The high urinary cysteine concentration in our study cohort is consistent with the data reported in plasma of obese children [49] and adults [50] with NAFLD.

Finally, both N-methyl nicotinate and hydroquinone (HQ) urinary levels tended to be associated with a possible beneficial effect against liver steatosis, already signaled in adult NAFLD [51], in keeping with a cytoprotective role [52].

4.3. Study Limitations

Our study has a number of avoidable and unavoidable limitations. One is that liver involvement was not based on histology but only on the presence of US fatty liver and hypertransaminasemia. Ultrasound, at least in pediatrics, is easier, less expensive, non-invasive, quicker, and the only ethical option in normal weight subjects vs. liver biopsy which however remains clearly the gold standard diagnostic test [50].

In our study it emerged that transaminases values progressively increased from normal weight to obese subjects without and with US fatty liver, respectively. However, we did not consider sufficient to label as being affected by obesity related liver damage based on transaminase values only without concurrent US bright liver. In fact, hypertransaminasemia in obese population has been reported to be part of the signature of liver metabolic perturbations at the amino acid and Krebs cycle levels rather than the result of hepatocyte lysis alone [53]. Although the concordance of biochemical and US parameters cannot completely replace biopsy, in our opinion it was at least more likely to appropriately characterize each patients’ cohort.
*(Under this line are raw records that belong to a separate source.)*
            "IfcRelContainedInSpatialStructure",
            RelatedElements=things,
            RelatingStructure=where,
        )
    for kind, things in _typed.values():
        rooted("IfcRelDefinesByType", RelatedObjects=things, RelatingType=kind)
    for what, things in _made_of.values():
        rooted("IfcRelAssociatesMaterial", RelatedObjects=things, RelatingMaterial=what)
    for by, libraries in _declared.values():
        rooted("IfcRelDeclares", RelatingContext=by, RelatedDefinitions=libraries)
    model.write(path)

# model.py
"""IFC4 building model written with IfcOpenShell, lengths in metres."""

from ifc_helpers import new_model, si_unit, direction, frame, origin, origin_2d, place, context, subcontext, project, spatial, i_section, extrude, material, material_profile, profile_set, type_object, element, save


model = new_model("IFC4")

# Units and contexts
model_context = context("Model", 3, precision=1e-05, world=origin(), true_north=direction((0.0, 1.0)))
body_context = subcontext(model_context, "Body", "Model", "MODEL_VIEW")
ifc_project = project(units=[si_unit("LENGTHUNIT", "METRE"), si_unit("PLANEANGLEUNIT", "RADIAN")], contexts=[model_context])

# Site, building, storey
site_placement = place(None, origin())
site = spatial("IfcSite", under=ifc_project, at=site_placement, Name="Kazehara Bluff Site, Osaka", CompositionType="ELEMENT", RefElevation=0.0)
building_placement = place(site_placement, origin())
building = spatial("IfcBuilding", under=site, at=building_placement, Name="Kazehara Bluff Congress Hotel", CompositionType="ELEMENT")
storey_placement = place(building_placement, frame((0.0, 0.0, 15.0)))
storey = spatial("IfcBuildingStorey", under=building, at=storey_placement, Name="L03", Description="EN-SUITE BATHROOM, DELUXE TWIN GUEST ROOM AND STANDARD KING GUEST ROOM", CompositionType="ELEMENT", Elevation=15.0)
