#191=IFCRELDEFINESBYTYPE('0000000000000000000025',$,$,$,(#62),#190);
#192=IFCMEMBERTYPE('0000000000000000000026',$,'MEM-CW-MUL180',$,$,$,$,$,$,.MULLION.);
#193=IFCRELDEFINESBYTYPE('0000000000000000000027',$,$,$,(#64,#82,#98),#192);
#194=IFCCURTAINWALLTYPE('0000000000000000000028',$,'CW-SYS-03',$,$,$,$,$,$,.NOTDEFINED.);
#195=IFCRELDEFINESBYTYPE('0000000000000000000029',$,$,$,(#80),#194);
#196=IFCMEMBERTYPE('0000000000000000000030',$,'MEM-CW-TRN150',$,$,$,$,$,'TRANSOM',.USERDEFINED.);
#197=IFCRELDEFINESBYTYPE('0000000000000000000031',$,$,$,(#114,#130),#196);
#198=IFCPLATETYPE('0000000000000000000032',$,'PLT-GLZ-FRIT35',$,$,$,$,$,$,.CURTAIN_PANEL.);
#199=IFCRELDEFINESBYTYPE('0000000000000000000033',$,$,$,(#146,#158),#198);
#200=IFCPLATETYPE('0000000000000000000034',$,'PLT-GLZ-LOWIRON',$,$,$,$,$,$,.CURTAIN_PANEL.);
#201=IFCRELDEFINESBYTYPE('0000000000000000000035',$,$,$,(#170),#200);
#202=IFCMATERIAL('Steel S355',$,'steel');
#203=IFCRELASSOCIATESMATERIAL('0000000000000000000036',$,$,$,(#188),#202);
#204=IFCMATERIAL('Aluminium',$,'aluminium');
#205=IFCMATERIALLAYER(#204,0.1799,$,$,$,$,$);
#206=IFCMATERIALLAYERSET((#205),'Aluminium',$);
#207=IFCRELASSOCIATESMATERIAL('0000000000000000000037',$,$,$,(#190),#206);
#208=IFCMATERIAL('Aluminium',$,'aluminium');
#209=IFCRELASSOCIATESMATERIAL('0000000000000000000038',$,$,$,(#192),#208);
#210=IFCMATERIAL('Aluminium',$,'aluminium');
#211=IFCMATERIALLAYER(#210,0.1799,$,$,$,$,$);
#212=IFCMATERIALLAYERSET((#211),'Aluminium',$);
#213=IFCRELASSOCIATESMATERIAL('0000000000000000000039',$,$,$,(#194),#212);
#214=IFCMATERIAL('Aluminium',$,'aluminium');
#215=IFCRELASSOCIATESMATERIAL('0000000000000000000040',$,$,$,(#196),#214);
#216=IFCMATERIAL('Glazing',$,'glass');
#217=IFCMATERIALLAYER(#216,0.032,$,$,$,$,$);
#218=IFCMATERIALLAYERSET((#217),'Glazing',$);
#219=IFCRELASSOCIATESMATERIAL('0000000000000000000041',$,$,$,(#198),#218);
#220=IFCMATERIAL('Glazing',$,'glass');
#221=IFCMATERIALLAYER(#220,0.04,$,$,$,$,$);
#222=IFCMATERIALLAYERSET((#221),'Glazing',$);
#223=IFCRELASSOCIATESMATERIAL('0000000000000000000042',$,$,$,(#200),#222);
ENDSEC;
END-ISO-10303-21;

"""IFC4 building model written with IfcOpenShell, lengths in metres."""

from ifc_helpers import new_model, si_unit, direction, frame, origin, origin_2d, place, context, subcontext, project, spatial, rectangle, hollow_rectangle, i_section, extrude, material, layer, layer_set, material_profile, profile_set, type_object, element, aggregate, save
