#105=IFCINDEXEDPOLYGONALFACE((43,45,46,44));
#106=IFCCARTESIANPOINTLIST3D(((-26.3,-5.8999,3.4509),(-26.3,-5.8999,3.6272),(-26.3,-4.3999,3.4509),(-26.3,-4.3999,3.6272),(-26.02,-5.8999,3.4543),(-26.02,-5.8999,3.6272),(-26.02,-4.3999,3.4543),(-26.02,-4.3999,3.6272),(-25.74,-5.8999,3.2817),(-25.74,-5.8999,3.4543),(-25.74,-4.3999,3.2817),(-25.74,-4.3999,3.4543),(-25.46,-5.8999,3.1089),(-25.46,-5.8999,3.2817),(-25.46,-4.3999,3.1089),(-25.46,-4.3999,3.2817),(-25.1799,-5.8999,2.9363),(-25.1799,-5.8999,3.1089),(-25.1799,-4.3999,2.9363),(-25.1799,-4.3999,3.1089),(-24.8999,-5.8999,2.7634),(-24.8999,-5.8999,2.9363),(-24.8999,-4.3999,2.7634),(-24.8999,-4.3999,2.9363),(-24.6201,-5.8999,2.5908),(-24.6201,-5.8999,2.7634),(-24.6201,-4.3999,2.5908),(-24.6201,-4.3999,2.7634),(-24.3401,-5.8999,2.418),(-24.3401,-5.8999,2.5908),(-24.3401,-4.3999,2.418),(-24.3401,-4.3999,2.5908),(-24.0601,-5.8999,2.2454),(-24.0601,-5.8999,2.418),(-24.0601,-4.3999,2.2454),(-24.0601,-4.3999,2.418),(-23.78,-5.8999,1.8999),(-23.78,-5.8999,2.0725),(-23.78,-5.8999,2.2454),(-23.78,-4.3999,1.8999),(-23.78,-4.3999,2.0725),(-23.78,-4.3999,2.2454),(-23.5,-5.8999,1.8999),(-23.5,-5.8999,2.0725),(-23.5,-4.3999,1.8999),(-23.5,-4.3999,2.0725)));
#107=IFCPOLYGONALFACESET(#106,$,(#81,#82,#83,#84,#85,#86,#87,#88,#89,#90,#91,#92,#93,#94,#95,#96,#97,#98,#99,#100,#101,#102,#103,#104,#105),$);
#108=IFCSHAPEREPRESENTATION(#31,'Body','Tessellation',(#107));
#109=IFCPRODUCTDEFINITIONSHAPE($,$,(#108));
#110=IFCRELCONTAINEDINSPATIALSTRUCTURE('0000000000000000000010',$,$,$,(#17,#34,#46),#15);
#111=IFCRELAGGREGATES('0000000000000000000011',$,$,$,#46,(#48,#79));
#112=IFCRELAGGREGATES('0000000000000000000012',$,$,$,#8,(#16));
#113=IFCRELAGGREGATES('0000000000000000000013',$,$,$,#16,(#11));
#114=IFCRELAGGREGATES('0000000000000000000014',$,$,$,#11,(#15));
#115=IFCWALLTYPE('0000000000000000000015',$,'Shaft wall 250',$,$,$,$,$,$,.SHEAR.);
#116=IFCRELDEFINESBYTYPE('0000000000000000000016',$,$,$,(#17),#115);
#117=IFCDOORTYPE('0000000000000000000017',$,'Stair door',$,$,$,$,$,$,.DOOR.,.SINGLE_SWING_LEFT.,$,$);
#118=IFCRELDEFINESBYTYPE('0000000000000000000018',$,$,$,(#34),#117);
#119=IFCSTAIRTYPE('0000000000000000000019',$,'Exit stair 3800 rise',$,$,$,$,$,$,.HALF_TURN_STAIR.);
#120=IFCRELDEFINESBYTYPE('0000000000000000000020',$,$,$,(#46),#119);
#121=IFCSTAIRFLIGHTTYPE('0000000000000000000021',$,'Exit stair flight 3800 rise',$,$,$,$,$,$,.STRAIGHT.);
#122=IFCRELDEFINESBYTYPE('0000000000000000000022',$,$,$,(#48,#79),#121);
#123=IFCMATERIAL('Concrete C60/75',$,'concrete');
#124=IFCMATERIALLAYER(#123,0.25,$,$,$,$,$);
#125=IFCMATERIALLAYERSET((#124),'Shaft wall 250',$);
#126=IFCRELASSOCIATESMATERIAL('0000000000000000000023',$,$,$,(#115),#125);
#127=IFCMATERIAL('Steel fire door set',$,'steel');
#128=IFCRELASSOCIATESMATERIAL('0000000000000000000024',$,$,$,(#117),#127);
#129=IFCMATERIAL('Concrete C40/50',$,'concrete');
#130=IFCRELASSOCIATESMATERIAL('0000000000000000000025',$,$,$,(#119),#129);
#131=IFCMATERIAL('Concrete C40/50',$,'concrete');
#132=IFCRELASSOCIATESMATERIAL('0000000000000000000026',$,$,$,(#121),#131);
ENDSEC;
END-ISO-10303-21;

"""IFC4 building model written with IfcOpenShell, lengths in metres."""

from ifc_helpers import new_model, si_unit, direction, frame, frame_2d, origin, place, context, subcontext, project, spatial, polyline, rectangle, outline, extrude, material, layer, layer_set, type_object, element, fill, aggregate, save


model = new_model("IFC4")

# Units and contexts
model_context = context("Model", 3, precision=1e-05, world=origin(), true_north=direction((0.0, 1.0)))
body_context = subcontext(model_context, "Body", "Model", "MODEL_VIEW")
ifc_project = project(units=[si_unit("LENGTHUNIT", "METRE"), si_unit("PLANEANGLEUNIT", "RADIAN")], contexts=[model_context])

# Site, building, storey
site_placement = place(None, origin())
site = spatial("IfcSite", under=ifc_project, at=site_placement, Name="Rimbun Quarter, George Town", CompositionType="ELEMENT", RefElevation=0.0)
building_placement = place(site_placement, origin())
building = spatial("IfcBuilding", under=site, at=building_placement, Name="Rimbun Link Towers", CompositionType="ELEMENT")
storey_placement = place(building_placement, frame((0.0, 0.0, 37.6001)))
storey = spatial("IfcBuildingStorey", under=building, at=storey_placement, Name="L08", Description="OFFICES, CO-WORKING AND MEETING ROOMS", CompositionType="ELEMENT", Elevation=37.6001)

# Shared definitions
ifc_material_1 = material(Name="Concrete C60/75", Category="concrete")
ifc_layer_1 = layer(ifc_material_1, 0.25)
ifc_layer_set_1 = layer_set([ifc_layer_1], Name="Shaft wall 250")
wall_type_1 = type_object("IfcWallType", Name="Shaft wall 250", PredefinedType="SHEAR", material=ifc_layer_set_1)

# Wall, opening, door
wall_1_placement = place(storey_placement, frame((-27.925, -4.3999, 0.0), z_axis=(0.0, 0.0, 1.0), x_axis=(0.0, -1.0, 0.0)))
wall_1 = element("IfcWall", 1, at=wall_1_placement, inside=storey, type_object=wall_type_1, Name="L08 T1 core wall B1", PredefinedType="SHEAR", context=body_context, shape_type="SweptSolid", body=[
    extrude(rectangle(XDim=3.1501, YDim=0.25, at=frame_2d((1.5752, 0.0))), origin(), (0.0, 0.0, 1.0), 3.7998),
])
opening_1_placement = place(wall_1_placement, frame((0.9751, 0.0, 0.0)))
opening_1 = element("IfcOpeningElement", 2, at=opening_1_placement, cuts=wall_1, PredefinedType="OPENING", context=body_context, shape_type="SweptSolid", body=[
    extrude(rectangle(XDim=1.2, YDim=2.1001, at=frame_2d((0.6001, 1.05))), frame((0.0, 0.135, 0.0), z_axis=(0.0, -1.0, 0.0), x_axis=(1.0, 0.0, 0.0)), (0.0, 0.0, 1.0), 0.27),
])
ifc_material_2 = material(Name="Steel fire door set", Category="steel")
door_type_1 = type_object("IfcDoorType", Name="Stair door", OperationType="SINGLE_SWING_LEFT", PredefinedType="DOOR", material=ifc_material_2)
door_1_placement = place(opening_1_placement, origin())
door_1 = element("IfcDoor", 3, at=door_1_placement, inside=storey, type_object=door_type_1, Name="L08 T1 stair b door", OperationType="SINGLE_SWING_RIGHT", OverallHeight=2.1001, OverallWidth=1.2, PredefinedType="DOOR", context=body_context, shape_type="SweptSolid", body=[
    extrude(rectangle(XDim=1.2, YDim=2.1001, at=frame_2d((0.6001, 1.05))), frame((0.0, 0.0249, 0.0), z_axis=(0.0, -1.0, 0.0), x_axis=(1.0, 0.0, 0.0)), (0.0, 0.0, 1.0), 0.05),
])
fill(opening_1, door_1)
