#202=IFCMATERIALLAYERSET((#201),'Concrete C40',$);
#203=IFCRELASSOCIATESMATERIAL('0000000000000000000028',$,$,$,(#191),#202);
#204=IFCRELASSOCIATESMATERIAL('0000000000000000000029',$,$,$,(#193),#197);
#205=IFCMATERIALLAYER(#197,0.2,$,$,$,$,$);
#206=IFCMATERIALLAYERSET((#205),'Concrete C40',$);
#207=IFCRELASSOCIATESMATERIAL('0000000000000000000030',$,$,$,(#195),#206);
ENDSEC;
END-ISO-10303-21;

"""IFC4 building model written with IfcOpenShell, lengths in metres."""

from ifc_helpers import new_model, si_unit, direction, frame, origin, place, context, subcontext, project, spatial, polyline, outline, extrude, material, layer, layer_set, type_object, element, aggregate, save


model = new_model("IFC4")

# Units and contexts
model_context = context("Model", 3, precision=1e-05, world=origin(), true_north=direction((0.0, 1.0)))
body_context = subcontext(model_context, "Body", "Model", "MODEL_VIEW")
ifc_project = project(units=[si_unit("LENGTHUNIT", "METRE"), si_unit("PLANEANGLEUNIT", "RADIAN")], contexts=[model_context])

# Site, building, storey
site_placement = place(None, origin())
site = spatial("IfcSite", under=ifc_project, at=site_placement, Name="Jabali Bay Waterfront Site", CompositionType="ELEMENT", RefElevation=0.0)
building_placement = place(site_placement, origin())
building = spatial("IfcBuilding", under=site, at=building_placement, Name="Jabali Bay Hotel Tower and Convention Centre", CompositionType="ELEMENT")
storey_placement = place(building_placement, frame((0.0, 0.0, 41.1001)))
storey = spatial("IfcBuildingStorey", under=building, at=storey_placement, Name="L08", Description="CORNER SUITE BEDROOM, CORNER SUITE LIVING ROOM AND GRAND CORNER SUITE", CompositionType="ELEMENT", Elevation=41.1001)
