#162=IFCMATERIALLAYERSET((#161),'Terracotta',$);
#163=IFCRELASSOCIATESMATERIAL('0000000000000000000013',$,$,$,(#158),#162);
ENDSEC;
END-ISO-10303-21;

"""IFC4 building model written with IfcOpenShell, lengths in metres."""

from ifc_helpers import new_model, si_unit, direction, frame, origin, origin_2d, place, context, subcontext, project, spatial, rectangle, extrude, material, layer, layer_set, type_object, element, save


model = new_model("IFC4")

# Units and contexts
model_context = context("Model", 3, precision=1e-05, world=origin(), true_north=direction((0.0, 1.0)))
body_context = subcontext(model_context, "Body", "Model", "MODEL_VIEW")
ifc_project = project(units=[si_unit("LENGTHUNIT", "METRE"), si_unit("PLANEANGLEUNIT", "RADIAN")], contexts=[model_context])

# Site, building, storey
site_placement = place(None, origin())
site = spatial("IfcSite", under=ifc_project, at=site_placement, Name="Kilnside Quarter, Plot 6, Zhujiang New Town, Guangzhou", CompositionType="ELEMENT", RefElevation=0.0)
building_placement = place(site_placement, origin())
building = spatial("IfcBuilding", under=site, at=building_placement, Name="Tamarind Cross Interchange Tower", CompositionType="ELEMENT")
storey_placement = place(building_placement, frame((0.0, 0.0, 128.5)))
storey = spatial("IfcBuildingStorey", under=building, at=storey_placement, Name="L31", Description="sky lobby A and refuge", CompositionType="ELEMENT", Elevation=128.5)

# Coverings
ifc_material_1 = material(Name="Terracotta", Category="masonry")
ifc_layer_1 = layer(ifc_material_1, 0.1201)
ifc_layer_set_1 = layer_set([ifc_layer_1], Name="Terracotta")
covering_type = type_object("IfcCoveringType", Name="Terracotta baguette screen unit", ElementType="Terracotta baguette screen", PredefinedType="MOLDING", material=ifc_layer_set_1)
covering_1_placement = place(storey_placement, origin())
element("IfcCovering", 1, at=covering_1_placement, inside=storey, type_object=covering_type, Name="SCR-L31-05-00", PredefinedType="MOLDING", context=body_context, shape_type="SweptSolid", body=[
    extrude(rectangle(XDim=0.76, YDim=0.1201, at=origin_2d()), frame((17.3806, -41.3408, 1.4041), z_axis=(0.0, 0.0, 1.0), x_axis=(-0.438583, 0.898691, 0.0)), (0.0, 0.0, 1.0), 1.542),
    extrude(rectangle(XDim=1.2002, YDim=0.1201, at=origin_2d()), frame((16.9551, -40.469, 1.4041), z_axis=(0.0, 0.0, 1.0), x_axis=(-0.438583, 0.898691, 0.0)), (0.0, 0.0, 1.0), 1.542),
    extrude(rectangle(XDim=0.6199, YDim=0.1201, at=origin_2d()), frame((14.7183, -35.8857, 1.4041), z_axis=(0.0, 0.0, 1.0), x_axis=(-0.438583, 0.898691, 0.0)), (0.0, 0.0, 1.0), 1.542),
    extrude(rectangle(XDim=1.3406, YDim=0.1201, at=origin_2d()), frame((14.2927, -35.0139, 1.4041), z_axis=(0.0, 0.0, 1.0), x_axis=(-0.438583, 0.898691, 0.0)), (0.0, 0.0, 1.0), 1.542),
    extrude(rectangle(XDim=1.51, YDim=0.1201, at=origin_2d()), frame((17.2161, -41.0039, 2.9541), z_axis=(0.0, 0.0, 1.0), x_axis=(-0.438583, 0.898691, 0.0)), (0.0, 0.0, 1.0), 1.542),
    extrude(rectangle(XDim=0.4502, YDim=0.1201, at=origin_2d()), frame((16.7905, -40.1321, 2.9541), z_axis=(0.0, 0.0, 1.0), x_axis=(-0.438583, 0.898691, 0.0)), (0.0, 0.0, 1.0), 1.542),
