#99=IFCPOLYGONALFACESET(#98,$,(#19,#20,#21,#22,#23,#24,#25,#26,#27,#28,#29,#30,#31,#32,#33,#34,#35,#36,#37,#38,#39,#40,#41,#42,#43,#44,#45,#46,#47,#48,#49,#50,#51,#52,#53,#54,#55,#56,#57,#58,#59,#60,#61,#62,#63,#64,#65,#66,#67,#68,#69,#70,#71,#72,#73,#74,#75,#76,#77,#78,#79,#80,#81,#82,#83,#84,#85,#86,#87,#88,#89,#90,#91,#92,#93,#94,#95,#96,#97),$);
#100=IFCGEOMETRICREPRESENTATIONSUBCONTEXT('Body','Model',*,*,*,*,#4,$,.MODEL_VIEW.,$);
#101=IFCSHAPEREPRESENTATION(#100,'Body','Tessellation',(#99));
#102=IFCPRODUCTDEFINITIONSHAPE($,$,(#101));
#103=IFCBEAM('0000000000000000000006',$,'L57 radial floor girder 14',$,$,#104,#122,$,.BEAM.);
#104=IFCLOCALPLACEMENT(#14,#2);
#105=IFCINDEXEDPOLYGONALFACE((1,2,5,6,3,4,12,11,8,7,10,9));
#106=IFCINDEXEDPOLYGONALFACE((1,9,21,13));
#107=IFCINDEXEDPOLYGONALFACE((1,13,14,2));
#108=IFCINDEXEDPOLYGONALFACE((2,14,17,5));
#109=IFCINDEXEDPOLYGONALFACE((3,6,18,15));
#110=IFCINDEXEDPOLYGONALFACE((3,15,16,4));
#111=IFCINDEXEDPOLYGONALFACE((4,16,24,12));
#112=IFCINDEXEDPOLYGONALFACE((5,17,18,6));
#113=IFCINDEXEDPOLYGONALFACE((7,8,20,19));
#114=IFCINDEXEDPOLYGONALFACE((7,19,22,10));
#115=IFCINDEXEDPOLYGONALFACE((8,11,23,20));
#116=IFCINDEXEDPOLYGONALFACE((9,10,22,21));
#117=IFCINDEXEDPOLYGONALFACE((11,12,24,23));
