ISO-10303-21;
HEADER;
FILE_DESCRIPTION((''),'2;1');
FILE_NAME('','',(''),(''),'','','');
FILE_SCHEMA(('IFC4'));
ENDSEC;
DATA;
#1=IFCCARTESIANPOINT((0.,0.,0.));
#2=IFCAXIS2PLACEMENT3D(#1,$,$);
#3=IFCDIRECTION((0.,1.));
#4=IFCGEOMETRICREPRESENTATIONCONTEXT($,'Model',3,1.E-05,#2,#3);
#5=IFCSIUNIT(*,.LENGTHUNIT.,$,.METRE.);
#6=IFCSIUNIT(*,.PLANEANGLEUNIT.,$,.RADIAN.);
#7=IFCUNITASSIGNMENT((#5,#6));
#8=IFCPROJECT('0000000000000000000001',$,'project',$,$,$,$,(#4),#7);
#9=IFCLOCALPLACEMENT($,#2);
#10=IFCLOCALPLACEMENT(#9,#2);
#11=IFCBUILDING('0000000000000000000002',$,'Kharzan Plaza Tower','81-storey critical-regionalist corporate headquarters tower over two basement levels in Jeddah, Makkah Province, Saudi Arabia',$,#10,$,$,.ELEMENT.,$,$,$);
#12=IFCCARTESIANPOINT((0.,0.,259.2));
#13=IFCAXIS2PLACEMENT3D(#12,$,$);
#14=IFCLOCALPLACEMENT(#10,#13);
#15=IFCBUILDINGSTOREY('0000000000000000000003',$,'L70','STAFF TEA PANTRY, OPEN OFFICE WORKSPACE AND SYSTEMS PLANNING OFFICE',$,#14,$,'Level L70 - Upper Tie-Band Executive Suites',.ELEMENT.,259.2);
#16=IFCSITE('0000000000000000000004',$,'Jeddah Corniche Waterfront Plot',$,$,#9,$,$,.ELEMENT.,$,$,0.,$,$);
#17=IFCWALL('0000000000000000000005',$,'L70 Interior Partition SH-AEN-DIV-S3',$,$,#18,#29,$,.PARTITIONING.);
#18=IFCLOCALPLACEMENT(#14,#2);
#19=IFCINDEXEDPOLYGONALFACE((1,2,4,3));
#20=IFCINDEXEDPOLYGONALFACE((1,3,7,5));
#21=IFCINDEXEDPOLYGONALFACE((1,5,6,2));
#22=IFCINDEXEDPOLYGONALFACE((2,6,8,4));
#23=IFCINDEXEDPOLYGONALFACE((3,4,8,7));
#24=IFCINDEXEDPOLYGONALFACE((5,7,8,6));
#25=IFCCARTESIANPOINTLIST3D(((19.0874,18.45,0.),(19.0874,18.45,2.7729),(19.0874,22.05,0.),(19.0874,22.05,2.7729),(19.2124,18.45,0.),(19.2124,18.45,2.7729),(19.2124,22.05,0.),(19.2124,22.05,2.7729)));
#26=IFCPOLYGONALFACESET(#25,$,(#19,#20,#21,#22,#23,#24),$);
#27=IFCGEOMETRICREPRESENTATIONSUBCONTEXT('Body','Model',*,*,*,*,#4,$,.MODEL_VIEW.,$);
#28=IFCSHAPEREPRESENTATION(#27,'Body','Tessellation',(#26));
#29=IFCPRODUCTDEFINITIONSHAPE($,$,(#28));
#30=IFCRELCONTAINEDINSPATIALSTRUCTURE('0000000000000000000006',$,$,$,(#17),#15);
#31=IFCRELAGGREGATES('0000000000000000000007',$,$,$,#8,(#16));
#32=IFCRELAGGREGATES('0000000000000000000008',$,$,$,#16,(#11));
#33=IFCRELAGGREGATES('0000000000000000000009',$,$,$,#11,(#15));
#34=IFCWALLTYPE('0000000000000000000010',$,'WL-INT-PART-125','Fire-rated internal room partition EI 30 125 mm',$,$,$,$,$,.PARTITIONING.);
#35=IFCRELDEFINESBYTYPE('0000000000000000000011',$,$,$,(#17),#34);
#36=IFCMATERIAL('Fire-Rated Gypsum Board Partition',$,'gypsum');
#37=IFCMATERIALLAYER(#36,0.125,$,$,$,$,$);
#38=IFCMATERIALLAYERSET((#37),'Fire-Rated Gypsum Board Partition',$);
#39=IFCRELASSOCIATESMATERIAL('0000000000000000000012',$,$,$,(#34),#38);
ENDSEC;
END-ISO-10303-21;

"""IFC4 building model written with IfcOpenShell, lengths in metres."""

from ifc_helpers import new_model, si_unit, direction, frame, frame_2d, origin, place, context, subcontext, project, spatial, rectangle, extrude, source, transform, mapped, material, layer, layer_set, type_object, element, save


model = new_model("IFC4")

# Units and contexts
model_context = context("Model", 3, precision=1e-05, world=origin(), true_north=direction((0.0, 1.0)))
body_context = subcontext(model_context, "Body", "Model", "MODEL_VIEW")
ifc_project = project(units=[si_unit("LENGTHUNIT", "METRE"), si_unit("PLANEANGLEUNIT", "RADIAN")], contexts=[model_context])

# Site, building, storey
site_placement = place(None, origin())
site = spatial("IfcSite", under=ifc_project, at=site_placement, Name="Jeddah Corniche Waterfront Plot", CompositionType="ELEMENT", RefElevation=0.0)
building_placement = place(site_placement, origin())
building = spatial("IfcBuilding", under=site, at=building_placement, Name="Kharzan Plaza Tower", Description="81-storey critical-regionalist corporate headquarters tower over two basement levels in Jeddah, Makkah Province, Saudi Arabia", CompositionType="ELEMENT")
storey_placement = place(building_placement, frame((0.0, 0.0, 259.2)))
storey = spatial("IfcBuildingStorey", under=building, at=storey_placement, Name="L70", Description="STAFF TEA PANTRY, OPEN OFFICE WORKSPACE AND SYSTEMS PLANNING OFFICE", LongName="Level L70 - Upper Tie-Band Executive Suites", CompositionType="ELEMENT", Elevation=259.2)

# Shared definitions
ifc_material_1 = material(Name="Fire-Rated Gypsum Board Partition", Category="gypsum")
ifc_layer_1 = layer(ifc_material_1, 0.125)
ifc_layer_set_1 = layer_set([ifc_layer_1], Name="Fire-Rated Gypsum Board Partition")
wall_type_1 = type_object("IfcWallType", Name="WL-INT-PART-125", Description="Fire-rated internal room partition EI 30 125 mm", PredefinedType="PARTITIONING", material=ifc_layer_set_1)

# Wall
shared_shape_1 = source(origin(), body_context, "Body", "SweptSolid", [
    extrude(rectangle(XDim=3.6001, YDim=0.125, at=frame_2d((1.8, 0.0))), origin(), (0.0, 0.0, 1.0), 2.7729),
])
for number, where, z_axis, x_axis, name in (
    (1, (19.1499, 18.45, 0.0), (0.0, 0.0, 1.0), (0.0, 1.0, 0.0), "L70 Interior Partition SH-AEN-DIV-S3"),
):
    element("IfcWall", number, at=place(storey_placement, frame(where, z_axis=z_axis, x_axis=x_axis)), inside=storey, type_object=wall_type_1, Name=name, PredefinedType="PARTITIONING", context=body_context, shape_type="MappedRepresentation", body=[
        mapped(shared_shape_1, transform((0.0, 0.0, 0.0), x_axis=(1.0, 0.0, 0.0), y_axis=(0.0, 1.0, 0.0), z_axis=(0.0, 0.0, 1.0))),
    ])

save(model, "model.ifc")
Another limitation is that, given the pilot nature of the study, we were unable to exclude also the effects of physical exercise, gender and age. However, the variability of our children age was reassuringly low and mean age was comparable in all groups. Finally, although our metabolite platform enabled us to acquire profiles in a manner less biased than targeted methods, it did not enable the inclusion/identification of some highly specific analytes or an absolute quantification. However, our definite results in general indicate that a supervised model such as PLS-DA can overcome these confounders and allow a precise allocation of studied populations.

5. Conclusions

In summary, our pilot study has identified a complex network of urinary molecules that appear to be correlated with clinical phenotype, setting apart normal weight and obese children, and distinguishing between those with and without liver involvement, based also on the characterization of their GLA function. Individual or grouped metabolites interact with anthropometrics and variously aggregated GLA parameters.

Large functional and prospective studies, including clinical trials, are needed now to verify our preliminary results. Such studies will contribute to shed further insights into these metabolite profiles, and determine whether some of them are biomarkers or actual mediators of metabolic disease, and whether they can serve also as indicators of diet adherence [54]. A better understanding of the role of these biomarkers in obesity and obesity-related NAFLD pathogenesis might finally lead to novel targets for therapeutic/preventive intervention.